Note: A friend read this post and found it depressing. She was kind enough to express her concerns. I took it down, re-read it and tweaked it a little, but I decided to repost it pretty much intact as a sort of record of one aspect of being a medical professional.
I’ve been slacking here in the Underground the last few days. The de-wooificator is on the fritz…the guy at the shop said something about it needing more vitamin C or something.
Most people have busy lives with conflicting responsibilities and needs. Over the last few months, many of my patients have been laid off from their auto industry jobs and don’t know how they are going to make do. They have been putting off medical tests to save money. Home foreclosures here are at record levels, with home values dropping by up to 20%.
I have a number of elderly patients whose families are struggling to take care of them while meeting their own food, housing, and medical needs–and I don’t work in a particularly impoverished area. It’s the economy, stupid.
But of course, it’s really all about me, because this is myblog. My average work week is about 60 or so hours. This leaves little room for things to go wrong. The last few nights I’ve gotten a lot of pages, and because of my allergies, I haven’t been able to fall back to sleep. Sitting up in the kitchen at four in the morning drinking hot tea and reading the paper, knowing that I will be working from 8 a.m. until 9 p.m. keeps me a little on edge.

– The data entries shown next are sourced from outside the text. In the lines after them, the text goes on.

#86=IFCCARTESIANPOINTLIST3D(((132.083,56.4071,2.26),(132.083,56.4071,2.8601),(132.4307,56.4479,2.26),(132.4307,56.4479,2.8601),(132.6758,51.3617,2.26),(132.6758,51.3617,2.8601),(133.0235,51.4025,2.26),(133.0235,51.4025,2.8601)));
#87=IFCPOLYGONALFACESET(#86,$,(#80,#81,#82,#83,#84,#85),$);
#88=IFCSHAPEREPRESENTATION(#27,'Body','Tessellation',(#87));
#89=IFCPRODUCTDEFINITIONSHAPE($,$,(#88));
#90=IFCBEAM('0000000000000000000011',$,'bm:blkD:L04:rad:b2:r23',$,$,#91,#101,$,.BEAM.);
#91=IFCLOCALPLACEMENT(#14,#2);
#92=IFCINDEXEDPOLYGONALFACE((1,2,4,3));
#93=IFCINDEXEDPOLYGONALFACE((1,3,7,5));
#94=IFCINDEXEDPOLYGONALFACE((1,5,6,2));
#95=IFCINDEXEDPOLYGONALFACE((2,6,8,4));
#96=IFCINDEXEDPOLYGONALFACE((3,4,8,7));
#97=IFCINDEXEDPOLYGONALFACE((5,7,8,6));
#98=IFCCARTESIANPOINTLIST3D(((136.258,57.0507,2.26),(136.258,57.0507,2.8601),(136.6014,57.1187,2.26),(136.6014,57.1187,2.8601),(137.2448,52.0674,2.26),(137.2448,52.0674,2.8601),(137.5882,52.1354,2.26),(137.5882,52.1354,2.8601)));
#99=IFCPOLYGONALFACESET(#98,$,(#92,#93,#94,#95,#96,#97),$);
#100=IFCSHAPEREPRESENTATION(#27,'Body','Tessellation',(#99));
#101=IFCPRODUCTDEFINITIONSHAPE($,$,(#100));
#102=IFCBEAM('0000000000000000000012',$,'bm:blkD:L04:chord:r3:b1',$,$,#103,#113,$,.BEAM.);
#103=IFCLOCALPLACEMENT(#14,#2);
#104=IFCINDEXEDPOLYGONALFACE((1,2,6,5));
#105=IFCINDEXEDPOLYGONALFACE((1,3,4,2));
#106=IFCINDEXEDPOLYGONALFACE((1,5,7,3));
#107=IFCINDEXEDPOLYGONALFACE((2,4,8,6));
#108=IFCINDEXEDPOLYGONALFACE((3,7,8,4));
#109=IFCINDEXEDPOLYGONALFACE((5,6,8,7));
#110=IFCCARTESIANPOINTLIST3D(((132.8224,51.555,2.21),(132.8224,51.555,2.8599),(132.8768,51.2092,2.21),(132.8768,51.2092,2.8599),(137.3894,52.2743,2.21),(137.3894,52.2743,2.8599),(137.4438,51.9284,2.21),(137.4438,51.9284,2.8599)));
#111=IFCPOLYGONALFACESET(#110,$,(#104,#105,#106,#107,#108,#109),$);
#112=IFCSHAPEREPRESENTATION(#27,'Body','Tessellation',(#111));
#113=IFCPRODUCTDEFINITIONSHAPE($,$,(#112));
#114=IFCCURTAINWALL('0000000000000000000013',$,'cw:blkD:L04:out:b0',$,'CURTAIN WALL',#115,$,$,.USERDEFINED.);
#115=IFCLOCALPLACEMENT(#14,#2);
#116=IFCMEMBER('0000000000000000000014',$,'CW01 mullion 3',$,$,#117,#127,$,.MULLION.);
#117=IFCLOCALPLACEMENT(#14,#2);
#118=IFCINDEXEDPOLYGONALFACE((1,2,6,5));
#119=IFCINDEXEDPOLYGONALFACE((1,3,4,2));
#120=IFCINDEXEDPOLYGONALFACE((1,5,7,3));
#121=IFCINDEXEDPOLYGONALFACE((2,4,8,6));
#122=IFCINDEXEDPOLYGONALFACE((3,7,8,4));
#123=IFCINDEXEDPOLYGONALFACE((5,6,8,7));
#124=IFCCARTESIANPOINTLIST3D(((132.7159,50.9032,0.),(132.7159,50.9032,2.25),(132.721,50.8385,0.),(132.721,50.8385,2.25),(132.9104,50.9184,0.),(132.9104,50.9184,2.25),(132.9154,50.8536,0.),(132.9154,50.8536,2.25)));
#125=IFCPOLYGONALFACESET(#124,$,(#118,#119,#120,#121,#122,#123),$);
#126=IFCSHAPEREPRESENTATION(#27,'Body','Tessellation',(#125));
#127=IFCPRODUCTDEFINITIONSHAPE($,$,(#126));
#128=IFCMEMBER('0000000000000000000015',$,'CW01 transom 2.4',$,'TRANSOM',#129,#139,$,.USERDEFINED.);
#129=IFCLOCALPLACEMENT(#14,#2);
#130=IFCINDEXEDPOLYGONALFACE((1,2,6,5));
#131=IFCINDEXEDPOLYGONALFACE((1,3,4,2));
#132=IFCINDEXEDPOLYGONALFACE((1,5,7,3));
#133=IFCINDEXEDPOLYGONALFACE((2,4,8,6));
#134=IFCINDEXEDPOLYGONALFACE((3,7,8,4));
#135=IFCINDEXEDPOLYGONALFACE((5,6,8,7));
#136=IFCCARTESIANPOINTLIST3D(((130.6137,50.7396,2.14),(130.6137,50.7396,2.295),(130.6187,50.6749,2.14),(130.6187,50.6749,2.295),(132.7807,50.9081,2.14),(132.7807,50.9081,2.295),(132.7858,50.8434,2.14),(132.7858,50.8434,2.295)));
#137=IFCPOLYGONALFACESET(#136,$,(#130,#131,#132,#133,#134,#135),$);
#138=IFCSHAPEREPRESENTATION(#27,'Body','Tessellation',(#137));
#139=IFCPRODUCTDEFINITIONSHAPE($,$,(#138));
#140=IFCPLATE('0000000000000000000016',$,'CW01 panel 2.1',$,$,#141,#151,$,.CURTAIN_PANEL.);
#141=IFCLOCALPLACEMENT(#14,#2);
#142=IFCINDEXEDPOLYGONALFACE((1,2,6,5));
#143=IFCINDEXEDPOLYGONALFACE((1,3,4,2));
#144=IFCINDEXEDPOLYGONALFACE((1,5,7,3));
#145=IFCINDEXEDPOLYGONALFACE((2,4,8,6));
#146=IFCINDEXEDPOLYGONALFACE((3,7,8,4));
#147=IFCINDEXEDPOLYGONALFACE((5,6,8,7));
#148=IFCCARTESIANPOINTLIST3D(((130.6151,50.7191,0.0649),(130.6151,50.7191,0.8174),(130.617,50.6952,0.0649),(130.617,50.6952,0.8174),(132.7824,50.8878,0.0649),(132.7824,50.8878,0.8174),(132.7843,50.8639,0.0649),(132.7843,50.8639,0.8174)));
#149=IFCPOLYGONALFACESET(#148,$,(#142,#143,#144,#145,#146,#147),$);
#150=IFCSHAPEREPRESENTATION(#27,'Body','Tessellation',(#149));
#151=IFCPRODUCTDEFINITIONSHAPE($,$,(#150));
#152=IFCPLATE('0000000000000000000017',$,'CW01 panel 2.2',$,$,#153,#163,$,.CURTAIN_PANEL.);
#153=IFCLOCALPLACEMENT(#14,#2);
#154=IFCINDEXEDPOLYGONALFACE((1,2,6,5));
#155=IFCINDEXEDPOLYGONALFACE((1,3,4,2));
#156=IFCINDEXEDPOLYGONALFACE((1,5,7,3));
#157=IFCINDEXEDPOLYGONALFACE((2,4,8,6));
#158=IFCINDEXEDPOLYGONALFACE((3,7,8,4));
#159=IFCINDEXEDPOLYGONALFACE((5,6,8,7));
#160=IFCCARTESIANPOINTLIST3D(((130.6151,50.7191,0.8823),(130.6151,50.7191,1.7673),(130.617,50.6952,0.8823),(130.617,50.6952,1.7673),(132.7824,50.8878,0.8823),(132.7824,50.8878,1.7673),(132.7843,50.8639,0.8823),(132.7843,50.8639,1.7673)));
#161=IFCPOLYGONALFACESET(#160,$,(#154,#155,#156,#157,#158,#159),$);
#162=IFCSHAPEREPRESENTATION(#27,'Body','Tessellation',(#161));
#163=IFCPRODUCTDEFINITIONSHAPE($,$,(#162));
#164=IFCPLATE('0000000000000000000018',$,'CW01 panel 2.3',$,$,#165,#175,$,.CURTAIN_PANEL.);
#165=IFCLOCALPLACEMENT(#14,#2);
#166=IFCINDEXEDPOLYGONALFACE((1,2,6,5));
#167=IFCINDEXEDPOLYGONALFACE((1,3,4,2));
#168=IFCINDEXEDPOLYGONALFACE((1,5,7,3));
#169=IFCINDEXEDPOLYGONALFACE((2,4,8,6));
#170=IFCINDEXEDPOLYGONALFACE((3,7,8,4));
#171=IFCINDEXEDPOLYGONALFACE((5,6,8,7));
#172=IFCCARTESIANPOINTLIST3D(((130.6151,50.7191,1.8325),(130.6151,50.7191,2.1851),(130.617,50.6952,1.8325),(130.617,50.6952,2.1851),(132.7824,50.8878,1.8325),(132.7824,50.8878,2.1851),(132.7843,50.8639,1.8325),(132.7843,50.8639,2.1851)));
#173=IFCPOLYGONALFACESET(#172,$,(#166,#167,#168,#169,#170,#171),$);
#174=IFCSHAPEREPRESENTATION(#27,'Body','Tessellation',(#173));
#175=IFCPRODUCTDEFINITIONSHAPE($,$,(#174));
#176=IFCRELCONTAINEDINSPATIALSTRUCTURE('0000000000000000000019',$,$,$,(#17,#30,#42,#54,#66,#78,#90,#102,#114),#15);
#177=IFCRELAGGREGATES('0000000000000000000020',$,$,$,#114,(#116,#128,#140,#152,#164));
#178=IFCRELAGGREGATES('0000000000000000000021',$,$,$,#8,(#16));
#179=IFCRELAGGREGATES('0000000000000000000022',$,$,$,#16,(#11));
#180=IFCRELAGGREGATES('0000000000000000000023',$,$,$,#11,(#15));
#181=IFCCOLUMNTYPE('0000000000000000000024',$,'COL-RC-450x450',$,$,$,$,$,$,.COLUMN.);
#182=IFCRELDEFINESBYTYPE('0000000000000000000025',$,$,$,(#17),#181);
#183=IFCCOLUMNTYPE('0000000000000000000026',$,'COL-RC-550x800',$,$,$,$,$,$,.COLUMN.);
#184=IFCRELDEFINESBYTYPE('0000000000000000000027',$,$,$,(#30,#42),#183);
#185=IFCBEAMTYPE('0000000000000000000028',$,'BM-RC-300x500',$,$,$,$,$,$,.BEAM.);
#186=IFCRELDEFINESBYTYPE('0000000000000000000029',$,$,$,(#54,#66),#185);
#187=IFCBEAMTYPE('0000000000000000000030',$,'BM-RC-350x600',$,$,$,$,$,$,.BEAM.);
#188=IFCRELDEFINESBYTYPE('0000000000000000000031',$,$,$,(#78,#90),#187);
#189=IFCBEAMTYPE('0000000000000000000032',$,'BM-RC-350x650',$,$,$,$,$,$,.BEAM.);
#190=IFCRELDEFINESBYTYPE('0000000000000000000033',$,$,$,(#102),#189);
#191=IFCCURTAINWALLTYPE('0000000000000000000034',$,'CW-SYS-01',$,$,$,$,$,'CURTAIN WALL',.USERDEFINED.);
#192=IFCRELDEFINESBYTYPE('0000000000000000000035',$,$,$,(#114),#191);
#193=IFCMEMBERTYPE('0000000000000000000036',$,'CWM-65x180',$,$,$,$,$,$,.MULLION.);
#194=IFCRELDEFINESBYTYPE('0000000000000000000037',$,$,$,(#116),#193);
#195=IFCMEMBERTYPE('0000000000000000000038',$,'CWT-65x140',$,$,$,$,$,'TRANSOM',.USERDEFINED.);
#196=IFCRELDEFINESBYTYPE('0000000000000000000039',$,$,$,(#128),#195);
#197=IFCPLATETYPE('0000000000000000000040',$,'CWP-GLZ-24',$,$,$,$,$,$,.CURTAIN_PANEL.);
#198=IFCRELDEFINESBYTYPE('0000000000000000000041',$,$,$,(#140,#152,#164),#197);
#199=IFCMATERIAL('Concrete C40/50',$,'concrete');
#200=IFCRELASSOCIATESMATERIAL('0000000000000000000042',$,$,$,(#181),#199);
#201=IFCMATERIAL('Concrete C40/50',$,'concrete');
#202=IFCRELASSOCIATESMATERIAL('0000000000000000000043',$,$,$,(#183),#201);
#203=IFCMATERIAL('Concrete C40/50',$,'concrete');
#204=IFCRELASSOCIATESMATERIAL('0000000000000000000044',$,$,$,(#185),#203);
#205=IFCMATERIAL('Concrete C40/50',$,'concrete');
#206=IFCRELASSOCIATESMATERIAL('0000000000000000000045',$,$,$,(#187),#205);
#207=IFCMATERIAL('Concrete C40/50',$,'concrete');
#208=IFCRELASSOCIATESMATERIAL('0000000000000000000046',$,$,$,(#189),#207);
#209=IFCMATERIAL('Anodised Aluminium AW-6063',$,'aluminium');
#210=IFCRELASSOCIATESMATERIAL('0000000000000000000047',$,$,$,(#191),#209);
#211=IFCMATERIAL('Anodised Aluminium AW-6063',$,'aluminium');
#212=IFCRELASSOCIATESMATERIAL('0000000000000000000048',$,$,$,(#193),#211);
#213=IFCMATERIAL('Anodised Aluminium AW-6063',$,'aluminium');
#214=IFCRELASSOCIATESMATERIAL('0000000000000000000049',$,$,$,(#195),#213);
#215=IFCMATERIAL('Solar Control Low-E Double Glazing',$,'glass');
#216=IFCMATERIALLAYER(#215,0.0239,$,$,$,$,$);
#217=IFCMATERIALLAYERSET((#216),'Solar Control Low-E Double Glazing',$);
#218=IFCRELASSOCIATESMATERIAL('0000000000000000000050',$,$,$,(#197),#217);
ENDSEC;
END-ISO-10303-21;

So I felt a little bad when I was short with one of the residents the other day. He called about a sick patient in the E.R., wondering if I would be admitting him. Unfortunately, part of that decision hinged on what insurance the patient had (we have a system at the hospital for admitting uninsured patients so that no individual doctor will go broke taking care of them). The intern was not feeling particularly helpful when I asked about the insurance status, and he hung up on me. I in turn was not feeling very charitable and wrote his superior about his behavior.

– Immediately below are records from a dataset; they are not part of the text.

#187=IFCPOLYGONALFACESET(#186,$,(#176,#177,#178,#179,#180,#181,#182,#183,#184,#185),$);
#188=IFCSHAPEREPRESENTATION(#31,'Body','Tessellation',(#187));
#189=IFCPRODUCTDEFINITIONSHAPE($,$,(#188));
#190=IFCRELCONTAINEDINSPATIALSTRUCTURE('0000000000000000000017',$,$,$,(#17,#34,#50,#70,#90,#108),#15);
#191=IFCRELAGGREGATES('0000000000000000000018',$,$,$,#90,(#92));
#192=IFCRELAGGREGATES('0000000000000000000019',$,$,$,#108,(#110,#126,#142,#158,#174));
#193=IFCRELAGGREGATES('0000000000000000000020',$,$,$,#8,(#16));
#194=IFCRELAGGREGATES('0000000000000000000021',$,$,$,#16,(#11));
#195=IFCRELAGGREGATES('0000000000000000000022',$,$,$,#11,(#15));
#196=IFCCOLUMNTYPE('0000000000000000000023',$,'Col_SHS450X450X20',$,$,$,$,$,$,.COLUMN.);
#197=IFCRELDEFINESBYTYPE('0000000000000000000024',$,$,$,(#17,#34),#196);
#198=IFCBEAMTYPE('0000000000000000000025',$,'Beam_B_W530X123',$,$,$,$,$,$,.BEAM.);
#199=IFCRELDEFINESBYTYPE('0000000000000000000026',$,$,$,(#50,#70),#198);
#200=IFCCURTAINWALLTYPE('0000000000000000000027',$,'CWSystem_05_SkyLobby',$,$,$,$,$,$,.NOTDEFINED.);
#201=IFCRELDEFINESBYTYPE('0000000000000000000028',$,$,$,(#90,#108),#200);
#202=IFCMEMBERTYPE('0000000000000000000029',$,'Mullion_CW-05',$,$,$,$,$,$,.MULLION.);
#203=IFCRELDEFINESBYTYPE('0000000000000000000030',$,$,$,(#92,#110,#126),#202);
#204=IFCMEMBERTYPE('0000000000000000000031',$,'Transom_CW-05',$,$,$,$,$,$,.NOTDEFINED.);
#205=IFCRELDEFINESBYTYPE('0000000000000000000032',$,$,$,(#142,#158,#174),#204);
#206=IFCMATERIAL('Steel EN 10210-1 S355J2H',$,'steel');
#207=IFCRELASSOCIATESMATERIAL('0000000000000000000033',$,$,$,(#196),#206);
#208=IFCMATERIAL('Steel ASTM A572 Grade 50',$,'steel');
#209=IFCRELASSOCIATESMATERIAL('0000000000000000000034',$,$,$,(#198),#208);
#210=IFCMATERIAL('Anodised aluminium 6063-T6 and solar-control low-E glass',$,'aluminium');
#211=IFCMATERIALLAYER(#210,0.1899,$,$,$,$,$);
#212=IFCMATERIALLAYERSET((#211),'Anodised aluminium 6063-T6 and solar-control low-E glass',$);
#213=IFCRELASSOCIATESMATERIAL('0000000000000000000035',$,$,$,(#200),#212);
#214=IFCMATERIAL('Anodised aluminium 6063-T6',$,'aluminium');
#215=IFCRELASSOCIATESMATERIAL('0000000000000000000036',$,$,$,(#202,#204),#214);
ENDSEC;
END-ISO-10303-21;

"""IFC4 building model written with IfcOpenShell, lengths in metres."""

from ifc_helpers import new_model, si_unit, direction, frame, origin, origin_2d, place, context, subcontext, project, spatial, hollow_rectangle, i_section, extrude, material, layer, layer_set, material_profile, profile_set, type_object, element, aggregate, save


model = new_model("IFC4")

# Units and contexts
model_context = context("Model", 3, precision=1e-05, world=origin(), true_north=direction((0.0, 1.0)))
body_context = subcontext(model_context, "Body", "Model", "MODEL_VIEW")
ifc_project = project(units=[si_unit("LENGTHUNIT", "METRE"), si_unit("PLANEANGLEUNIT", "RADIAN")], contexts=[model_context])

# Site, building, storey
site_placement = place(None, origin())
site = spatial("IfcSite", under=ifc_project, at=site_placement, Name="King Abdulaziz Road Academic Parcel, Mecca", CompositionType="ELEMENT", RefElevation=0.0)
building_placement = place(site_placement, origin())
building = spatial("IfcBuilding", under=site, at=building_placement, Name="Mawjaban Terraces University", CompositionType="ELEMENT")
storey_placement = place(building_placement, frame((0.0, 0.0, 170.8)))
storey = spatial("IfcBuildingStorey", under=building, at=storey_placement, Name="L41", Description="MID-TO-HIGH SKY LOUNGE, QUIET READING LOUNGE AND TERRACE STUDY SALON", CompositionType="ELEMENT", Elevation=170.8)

Stress is metastatic–it spreads from its point of origin and can affect an entire extended network of people. In my work, though, I can’t let a bad night interfere with how I do things. Most doctors train under stressful conditions, partly to accustom them to taking good care of patients no matter how they might feel themselves. This usually works.
Sometimes it doesn’t. Physicians suffer from depression at similar rates to the overall population, but rates of suicide (at least as far as the data can tell) are significantly higher. The rates are higher in female than in male doctors. (JAMA. 2003;289:3161-3166.) (Am J Psychiatry 161:2295-2302, December 2004).
From the statistics available, doctors do not abuse drugs significantly more than others, but when they do, it is usually prescription drug abuse. (JAMA. 1992 May 6;267(17):2333-9.). Doctors may or may not drink more than others–the stats are murky.
When a doctor “goes bad” the consequences are unique. They affect a web of patients that may include thousands of individuals. Most patients experience a loss when their physician dies, but I wonder how they feel when their doctor kills themselves. Thankfully it is still relatively rare for doctors to abuse drugs, kill themselves, or suffer from disabling depression. The good news is, statistics show that doctors’ rates of depression mirror the population at large, and the increases in stress-related phenomena aren’t that large. But much more research is needed, especially into the statistic reflecting higher rates of suicide among female physicians.
People may complain about the rigorous nature of doctors’ training (and the training has been modified significantly over the last 10 years), but from my experience, it weeded out people who couldn’t continue to put their patients first, and taught me how to continue to take good care of people despite personal adversity.
I may be accused of “back-in-the-day-ism”, but during weeks like this, with my kid sick, my wife coming down with the same thing, and my not having slept more than a few hours a night, I am thankful that my training made sure I would be able to handle this life. I think most of my colleagues would agree, that despite the hours and the stresses, it is an honor and a privilege to be a physician. I wouldn’t trade it for any job in the world.


Very good post. I have been in the unfortunate position of having had a physician in the past that did take his life. I wrote briefly about it. It haunts me to this day. He couldn’t possibly know the ripples he created in that one single, final act on this earth.
I think of the pain he must have been in. Yours is a demanding profession. It takes and takes without meaning to deplete you. You must carve out a recharging area of your very own to turn to. Whether it’s a darkened room for a time…a walk down a wooden path, something. You need to guard yourself from the weight and responsibility.
I have a friend now trying to juggle his depression and his practice. It is a normal reaction when a break is much needed and your seeing no relief in site. Best to you.